The fact that cancer rates start falling off with extreme age is potentially suggestive of this already being what limits human lifespan; if this is the case those who have greater intrinsic rejuvenation capacity die of cancer in their 70s or 80s, those who have less and manage to escape specific diseases can go further, but only until their body gives out from stochastic damage.
now, there's a potential way around this dilemma through the use of exogenous cells with artificially curated genomes to replace increasingly dysfunctional endogenous cells (and to gain the benefits of continuous growth without the drawback of increasing energy requirements that eventually kills lobsters), proposed methods of stabilizing the genome against clonal drift, and conventional oncology that's good enough to be nearly bulletproof against all types of cancer. But nowhere will you find a silver bullet, something that serves as a quick and easy solution to the problem of aging.

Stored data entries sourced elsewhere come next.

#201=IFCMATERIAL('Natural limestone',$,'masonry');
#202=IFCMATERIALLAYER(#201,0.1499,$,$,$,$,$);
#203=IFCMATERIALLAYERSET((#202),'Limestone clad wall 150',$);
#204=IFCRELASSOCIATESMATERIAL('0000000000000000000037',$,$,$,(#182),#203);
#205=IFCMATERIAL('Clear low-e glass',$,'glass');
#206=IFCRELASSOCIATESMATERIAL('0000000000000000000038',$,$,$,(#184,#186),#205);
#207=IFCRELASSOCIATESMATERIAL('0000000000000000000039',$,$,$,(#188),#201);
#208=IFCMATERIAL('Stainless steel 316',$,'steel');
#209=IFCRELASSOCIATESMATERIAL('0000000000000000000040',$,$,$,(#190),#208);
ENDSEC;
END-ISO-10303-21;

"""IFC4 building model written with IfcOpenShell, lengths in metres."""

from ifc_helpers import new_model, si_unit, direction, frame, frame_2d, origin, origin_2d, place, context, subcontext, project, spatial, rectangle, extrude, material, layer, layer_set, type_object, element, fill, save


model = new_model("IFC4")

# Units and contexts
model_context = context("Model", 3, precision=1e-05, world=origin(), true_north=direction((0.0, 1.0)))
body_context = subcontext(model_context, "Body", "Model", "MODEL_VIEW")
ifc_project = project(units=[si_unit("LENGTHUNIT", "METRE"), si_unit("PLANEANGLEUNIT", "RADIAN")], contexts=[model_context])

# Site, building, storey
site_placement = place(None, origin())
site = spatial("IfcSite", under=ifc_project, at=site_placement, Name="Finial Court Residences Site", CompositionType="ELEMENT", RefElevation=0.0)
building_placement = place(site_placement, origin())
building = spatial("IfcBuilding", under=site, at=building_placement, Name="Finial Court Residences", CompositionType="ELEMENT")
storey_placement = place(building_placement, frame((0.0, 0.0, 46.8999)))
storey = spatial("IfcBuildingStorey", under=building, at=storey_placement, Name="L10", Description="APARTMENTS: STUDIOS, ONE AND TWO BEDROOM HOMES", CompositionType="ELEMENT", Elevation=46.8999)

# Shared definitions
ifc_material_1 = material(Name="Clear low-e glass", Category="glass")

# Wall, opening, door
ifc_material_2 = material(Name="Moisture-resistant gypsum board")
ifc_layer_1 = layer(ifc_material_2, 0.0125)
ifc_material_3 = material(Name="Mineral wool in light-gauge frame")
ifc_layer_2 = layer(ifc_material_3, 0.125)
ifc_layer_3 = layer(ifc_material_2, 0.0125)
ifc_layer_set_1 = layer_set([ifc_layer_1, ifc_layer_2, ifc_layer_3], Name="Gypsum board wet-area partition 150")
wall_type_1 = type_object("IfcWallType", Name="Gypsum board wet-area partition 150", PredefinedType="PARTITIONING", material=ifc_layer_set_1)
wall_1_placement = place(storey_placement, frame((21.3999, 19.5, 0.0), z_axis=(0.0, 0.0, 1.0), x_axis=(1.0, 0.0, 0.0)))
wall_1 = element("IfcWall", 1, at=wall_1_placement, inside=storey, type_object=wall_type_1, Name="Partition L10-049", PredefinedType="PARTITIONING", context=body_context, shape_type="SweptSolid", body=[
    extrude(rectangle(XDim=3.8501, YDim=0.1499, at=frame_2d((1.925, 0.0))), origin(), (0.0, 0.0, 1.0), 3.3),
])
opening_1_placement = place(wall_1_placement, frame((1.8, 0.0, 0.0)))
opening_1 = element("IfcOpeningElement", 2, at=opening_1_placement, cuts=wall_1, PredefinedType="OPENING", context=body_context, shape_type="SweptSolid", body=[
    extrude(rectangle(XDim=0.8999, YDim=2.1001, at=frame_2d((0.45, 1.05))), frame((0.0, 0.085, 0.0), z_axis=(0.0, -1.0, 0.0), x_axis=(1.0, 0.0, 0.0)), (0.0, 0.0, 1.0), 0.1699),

These damage clearance strategies may have merit in things like microplastic bioaccumulation (and other sorts of bio-accumulation processes involving manmade substances) should that turn out to have adverse health effects that require a solution. In specific diseases it may be beneficial, and it may have substantial benefits to the extent that we might be able to remove damage that constrains regeneration or rescue systems like immune surveillance that appear to play a key role in quality control, so I certainly don't oppose these research directions, but we must be realistic about what they can achieve.